L'attività di progettazione e programmazione è requisito fondamentale di un insegnante di questo secolo.
Progettazione: elaborazione di programmi che si attengano alle linee guida nazionali e che si adattino alle
specificità della classe; programmazione: attuazione concreta di questi programmi.
Curricolo = funzione complessa che vede l'insegnante come mediatore tra:
• ragione dei saperi --> esigenza dei saperi; è correlata alla capacità che un bambino di una certa età deve
avere raggiunto (es. contare fino ad un certo numero);
• ragione degli allievi --> esigenza degli allievi; consiste nel guardare agli interessi, alle curiosità e agli
stimoli dei diversi bambini.
Passato: mediazione dai saperi verso gli allievi, considerando solo i saperi che ogni bambino doveva
raggiungere e non le differenze soggettive. Oggi: serve anche la mediazione dagli allievi verso i saperi.

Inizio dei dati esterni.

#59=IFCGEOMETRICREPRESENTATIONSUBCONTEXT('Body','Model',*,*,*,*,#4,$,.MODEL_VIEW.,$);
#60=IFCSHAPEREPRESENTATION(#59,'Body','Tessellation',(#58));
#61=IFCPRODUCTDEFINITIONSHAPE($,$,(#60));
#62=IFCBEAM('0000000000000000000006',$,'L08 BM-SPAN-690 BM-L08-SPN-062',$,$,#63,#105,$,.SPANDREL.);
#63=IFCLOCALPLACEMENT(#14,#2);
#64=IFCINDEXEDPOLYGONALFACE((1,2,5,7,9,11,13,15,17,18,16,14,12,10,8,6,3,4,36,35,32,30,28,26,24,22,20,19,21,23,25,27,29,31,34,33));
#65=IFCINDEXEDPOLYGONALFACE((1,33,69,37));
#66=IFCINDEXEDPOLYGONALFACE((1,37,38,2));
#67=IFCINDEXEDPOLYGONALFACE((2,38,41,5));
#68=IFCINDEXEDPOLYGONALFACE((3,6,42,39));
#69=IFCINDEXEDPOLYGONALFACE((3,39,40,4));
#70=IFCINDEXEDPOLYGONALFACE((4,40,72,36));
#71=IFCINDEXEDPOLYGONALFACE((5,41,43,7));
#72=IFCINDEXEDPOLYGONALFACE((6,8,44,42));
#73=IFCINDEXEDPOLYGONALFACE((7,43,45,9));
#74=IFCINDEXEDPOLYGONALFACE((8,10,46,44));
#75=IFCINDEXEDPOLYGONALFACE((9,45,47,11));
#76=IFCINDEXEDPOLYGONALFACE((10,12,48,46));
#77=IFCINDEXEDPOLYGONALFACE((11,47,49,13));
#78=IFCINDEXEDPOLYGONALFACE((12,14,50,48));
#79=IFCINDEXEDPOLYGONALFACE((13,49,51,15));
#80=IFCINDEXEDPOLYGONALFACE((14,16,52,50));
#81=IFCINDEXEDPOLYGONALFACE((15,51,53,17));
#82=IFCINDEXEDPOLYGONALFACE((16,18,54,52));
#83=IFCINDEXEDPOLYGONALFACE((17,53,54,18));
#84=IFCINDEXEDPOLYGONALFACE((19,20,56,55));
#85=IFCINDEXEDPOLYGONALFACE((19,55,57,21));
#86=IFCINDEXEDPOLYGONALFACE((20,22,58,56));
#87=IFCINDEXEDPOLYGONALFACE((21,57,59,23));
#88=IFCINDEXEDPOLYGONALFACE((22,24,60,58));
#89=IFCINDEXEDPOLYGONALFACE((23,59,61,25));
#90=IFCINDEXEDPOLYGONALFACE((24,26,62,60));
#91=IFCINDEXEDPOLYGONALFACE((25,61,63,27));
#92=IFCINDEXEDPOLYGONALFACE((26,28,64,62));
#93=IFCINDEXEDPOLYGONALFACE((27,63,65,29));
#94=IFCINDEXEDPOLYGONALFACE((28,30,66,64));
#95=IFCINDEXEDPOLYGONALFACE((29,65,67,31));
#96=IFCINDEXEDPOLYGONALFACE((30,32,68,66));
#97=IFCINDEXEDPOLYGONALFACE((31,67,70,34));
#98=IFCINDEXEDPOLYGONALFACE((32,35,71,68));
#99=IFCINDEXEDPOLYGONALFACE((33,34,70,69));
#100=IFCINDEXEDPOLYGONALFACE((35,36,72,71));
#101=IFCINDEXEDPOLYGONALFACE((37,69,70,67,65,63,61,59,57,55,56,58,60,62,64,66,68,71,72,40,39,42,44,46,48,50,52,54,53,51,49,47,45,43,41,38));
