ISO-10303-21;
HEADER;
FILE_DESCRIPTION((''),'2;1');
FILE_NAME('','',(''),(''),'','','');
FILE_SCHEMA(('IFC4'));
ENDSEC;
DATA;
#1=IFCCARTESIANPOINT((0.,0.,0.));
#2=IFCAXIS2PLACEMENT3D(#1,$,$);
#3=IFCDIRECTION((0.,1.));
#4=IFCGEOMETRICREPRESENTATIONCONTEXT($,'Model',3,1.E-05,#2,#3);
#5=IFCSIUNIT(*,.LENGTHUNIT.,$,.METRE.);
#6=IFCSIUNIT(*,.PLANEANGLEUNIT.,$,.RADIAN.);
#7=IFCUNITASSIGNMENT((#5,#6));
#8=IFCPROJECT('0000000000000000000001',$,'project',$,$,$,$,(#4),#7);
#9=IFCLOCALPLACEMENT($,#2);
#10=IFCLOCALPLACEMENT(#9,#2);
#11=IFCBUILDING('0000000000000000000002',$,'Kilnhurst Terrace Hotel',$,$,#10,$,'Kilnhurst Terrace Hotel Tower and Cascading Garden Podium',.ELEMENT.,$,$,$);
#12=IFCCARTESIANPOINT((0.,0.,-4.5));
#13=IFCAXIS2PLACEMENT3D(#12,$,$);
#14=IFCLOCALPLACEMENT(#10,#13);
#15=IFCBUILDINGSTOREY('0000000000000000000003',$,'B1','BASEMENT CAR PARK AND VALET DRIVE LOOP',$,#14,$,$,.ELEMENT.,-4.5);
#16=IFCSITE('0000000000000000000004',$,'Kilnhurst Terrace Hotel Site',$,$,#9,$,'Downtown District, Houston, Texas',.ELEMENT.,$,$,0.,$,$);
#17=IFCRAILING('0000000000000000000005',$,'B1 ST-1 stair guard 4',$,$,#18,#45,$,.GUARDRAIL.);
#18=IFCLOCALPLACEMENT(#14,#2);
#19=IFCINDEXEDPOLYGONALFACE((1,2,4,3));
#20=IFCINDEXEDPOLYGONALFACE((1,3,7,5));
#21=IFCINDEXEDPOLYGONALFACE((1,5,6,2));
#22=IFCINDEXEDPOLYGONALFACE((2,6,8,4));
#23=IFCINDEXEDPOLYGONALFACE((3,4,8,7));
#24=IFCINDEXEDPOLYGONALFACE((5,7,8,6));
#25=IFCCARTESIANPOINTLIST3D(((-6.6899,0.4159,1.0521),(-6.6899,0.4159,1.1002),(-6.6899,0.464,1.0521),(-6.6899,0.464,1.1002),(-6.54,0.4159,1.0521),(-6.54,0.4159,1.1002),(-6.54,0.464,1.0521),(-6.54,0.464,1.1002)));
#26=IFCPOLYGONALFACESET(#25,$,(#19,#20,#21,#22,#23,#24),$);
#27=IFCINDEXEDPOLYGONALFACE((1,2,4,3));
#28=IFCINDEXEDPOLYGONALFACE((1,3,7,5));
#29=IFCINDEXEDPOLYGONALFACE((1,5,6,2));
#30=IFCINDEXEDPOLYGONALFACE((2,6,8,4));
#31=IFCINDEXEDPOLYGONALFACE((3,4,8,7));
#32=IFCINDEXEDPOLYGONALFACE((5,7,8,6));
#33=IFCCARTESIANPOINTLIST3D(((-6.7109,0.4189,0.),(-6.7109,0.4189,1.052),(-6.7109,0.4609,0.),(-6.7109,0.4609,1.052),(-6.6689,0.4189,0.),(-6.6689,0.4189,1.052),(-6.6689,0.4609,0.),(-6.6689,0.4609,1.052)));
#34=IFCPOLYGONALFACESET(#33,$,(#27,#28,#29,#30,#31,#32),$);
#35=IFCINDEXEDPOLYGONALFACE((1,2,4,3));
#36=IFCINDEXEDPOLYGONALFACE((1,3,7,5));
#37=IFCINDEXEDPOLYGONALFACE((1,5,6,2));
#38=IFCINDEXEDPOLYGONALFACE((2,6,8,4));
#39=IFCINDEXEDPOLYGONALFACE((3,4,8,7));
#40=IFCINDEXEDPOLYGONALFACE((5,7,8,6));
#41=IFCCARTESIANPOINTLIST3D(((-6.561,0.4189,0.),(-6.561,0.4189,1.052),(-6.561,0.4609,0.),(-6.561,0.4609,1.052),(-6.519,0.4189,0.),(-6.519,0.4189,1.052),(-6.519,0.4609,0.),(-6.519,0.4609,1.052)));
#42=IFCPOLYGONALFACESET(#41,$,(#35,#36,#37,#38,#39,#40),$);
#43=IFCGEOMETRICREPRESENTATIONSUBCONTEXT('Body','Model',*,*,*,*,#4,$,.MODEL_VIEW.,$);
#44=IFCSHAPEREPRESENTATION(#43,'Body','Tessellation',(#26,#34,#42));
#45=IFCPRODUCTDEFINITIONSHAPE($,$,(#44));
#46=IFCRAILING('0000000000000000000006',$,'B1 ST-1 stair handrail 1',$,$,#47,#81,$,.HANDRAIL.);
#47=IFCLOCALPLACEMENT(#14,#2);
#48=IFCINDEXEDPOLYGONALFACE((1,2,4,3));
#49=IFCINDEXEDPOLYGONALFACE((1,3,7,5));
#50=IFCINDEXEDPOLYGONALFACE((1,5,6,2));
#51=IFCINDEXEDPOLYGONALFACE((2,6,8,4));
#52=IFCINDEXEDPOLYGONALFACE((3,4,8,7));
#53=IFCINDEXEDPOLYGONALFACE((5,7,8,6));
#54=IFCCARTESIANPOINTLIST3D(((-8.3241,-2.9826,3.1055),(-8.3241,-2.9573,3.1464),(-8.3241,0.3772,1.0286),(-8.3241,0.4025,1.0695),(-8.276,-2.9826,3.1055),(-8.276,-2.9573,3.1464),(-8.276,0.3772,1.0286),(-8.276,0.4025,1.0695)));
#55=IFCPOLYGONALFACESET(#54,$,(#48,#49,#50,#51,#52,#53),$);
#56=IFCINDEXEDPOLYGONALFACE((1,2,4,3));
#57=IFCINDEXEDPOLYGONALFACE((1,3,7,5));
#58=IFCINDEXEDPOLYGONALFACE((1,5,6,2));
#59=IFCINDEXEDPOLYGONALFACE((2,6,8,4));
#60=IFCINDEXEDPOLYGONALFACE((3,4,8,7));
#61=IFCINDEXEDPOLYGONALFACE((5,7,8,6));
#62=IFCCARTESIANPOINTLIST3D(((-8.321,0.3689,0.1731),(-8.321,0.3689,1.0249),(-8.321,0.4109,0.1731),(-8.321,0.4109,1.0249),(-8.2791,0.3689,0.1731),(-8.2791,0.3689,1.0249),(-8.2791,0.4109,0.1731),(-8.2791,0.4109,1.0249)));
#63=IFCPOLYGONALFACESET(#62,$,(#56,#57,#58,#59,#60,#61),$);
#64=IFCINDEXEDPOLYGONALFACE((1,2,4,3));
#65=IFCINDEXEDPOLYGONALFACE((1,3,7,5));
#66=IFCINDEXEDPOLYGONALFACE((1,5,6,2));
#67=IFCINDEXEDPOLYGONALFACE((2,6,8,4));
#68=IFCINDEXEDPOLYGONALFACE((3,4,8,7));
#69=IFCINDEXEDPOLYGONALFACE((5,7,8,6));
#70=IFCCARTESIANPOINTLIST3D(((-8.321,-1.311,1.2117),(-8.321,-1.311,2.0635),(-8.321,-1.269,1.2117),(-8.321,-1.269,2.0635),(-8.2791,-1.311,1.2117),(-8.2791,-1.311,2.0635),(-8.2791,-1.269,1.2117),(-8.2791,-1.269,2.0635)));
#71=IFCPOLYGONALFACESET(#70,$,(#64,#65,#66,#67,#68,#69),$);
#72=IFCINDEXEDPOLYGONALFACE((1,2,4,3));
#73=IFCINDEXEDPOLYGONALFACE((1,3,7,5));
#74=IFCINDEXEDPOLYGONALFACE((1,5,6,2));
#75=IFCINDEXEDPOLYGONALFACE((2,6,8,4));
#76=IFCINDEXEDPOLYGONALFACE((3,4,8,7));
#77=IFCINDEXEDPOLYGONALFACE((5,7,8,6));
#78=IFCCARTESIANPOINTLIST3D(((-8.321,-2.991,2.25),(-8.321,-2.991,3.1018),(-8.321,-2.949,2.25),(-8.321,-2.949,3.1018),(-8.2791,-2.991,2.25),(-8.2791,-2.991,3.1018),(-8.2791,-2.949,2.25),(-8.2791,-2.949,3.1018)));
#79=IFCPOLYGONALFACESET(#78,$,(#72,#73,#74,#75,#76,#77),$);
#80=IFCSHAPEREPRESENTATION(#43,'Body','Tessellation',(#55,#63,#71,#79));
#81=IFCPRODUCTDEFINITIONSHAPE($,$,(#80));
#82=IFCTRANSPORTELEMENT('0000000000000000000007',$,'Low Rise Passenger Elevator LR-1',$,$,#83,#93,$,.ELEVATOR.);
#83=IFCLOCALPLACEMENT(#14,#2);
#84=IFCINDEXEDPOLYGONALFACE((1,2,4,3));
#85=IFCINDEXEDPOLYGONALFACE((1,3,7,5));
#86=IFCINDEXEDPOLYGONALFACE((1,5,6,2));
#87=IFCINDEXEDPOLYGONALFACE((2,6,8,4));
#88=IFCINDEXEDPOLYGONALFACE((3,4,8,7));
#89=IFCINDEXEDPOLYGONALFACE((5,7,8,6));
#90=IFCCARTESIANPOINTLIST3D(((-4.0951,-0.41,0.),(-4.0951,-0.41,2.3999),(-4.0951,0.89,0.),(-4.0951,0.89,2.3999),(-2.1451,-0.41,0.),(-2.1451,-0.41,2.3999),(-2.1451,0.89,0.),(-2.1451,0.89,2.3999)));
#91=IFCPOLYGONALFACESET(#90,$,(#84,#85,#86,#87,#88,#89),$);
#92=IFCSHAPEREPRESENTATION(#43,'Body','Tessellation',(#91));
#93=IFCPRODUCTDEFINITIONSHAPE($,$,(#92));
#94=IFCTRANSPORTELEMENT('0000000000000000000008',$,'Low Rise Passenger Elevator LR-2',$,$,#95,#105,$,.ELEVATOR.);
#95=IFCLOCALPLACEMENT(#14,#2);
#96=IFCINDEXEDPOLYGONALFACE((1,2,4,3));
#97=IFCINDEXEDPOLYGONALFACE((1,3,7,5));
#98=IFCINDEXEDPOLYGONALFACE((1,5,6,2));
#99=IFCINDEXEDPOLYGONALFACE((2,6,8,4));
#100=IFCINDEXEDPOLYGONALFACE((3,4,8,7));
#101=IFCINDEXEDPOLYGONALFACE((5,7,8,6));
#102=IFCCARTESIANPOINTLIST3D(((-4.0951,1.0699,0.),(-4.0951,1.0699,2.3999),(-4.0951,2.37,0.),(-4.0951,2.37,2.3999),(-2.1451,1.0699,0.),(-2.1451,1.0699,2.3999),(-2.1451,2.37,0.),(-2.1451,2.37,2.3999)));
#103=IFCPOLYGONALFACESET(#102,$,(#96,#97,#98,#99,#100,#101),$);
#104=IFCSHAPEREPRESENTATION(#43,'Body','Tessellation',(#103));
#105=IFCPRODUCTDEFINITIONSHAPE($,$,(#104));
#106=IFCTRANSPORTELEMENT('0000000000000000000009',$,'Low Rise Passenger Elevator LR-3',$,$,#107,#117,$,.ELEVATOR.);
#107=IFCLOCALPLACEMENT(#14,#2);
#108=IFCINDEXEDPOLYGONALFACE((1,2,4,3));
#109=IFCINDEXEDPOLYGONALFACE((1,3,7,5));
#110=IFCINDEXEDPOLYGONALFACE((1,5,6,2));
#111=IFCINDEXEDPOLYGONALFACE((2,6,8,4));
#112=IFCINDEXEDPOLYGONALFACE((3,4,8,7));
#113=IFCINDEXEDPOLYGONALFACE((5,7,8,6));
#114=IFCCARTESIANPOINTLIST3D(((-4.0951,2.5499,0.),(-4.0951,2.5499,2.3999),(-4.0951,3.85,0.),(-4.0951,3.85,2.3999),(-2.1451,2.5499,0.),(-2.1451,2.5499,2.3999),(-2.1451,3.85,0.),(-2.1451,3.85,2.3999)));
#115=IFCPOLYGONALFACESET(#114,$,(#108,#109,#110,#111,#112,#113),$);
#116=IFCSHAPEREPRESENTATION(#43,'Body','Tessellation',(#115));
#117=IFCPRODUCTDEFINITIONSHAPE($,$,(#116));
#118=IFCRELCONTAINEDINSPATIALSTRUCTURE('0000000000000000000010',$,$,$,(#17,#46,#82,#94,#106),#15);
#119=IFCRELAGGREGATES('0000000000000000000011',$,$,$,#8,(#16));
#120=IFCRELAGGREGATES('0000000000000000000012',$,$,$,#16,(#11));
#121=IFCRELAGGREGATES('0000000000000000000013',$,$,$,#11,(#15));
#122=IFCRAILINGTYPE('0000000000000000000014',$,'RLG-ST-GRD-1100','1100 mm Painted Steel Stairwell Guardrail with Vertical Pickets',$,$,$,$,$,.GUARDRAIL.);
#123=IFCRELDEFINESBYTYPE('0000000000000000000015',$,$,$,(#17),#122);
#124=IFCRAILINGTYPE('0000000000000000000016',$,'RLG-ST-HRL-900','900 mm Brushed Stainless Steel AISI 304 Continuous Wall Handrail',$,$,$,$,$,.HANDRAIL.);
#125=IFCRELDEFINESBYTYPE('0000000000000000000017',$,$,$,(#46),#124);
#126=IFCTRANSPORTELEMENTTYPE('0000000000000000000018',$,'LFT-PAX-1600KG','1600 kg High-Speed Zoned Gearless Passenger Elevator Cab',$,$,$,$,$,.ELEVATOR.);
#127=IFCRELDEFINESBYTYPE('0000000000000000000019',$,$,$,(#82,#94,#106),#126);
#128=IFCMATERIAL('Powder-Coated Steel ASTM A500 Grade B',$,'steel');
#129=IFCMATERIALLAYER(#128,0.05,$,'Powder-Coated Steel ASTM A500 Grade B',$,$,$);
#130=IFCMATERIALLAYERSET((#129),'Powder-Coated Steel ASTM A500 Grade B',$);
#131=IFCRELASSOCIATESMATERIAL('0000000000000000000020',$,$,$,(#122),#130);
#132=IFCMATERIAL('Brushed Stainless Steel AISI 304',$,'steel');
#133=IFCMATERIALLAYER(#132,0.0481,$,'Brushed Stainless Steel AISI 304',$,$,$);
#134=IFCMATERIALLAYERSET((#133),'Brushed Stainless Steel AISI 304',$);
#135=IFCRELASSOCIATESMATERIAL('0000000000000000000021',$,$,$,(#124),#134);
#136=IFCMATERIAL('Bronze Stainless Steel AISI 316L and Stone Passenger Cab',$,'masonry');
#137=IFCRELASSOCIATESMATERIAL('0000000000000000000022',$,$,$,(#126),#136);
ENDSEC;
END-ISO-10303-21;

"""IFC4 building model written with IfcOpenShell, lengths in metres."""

from ifc_helpers import new_model, si_unit, direction, frame, origin, origin_2d, place, context, subcontext, project, spatial, rectangle, extrude, material, layer, layer_set, type_object, element, save


model = new_model("IFC4")

# Units and contexts
model_context = context("Model", 3, precision=1e-05, world=origin(), true_north=direction((0.0, 1.0)))
body_context = subcontext(model_context, "Body", "Model", "MODEL_VIEW")
ifc_project = project(units=[si_unit("LENGTHUNIT", "METRE"), si_unit("PLANEANGLEUNIT", "RADIAN")], contexts=[model_context])

# Site, building, storey
site_placement = place(None, origin())
site = spatial("IfcSite", under=ifc_project, at=site_placement, Name="Kilnhurst Terrace Hotel Site", LongName="Downtown District, Houston, Texas", CompositionType="ELEMENT", RefElevation=0.0)
building_placement = place(site_placement, origin())
building = spatial("IfcBuilding", under=site, at=building_placement, Name="Kilnhurst Terrace Hotel", LongName="Kilnhurst Terrace Hotel Tower and Cascading Garden Podium", CompositionType="ELEMENT")
storey_placement = place(building_placement, frame((0.0, 0.0, -4.5)))
storey = spatial("IfcBuildingStorey", under=building, at=storey_placement, Name="B1", Description="BASEMENT CAR PARK AND VALET DRIVE LOOP", CompositionType="ELEMENT", Elevation=-4.5)

# Railings
ifc_material_1 = material(Name="Powder-Coated Steel ASTM A500 Grade B", Category="steel")
ifc_layer_1 = layer(ifc_material_1, 0.05, Name="Powder-Coated Steel ASTM A500 Grade B")
ifc_layer_set_1 = layer_set([ifc_layer_1], Name="Powder-Coated Steel ASTM A500 Grade B")
railing_type_1 = type_object("IfcRailingType", Name="RLG-ST-GRD-1100", Description="1100 mm Painted Steel Stairwell Guardrail with Vertical Pickets", PredefinedType="GUARDRAIL", material=ifc_layer_set_1)
railing_1_placement = place(storey_placement, frame((-6.6899, 0.4399, 0.0)))
element("IfcRailing", 1, at=railing_1_placement, inside=storey, type_object=railing_type_1, Name="B1 ST-1 stair guard 4", PredefinedType="GUARDRAIL", context=body_context, shape_type="SweptSolid", body=[
    extrude(rectangle(XDim=0.0481, YDim=0.0481, at=origin_2d()), frame((0.0, 0.0, 1.0762), z_axis=(1.0, 0.0, 0.0), x_axis=(0.0, 1.0, 0.0)), (0.0, 0.0, 1.0), 0.1499),
    extrude(rectangle(XDim=0.042, YDim=0.042, at=origin_2d()), origin(), (0.0, 0.0, 1.0), 1.052),
    extrude(rectangle(XDim=0.042, YDim=0.042, at=origin_2d()), frame((0.1499, 0.0, 0.0)), (0.0, 0.0, 1.0), 1.052),
])
ifc_material_2 = material(Name="Brushed Stainless Steel AISI 304", Category="steel")
ifc_layer_2 = layer(ifc_material_2, 0.0481, Name="Brushed Stainless Steel AISI 304")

Quest'ultima consiste anche nell'osservare i bambini, nel capire cosa si dicono tra loro; per fare ciò occorre
conoscere il loro linguaggio (interessi, passioni, giochi, personaggi preferiti,..), partendo quindi dalla parte
dei bambini per poi procedere verso i saperi.
1
Occorre usare entrambe le mediazioni perchè ognuna ha rischi e pregi:
◦ mediazione che parte dai saperi:
▪ rischio: omologazione, imporre a tutti gli stessi interessi, non tener conto della differenza;
▪ pregio: risponde al diritto all'uguaglianza.
◦ mediazione che parte dai bambini:
▪ rischio: puerocentrismo, spontaneismo, insegnare solo quello che sanno già o che gli interessa;
▪ pregio: risponde al diritto alla diversità.
La scuola deve risponde ad entrambi i diritti: al diritto all'uguaglianza si risponde garantendo a tutti i
bambini un insegnamento uguale per tutti, al diritto alla diversità si risponde invece guardando al singolo
bambino (tenendo conto della provenienza, della lingua, degli interessi dei vari bambini,..).
Dal punto di vista della didattica, se fai concidere il progetto con il programma, allora il curricolo lo hai già
(quello nazionale), se invece non li fai coincidere e adatti il progetto alla classe, allora il curricolo completo
lo avrai solo alla fine dell'anno scolastico, perchè molte cose nasceranno dalle esigenze dei bambini durante
l'anno scolastico e non saranno programmabili fin dall'inizio. Il curricolo va quindi continuamente
aggiornato, modificato e adattato dall'insegnante durante l'anno.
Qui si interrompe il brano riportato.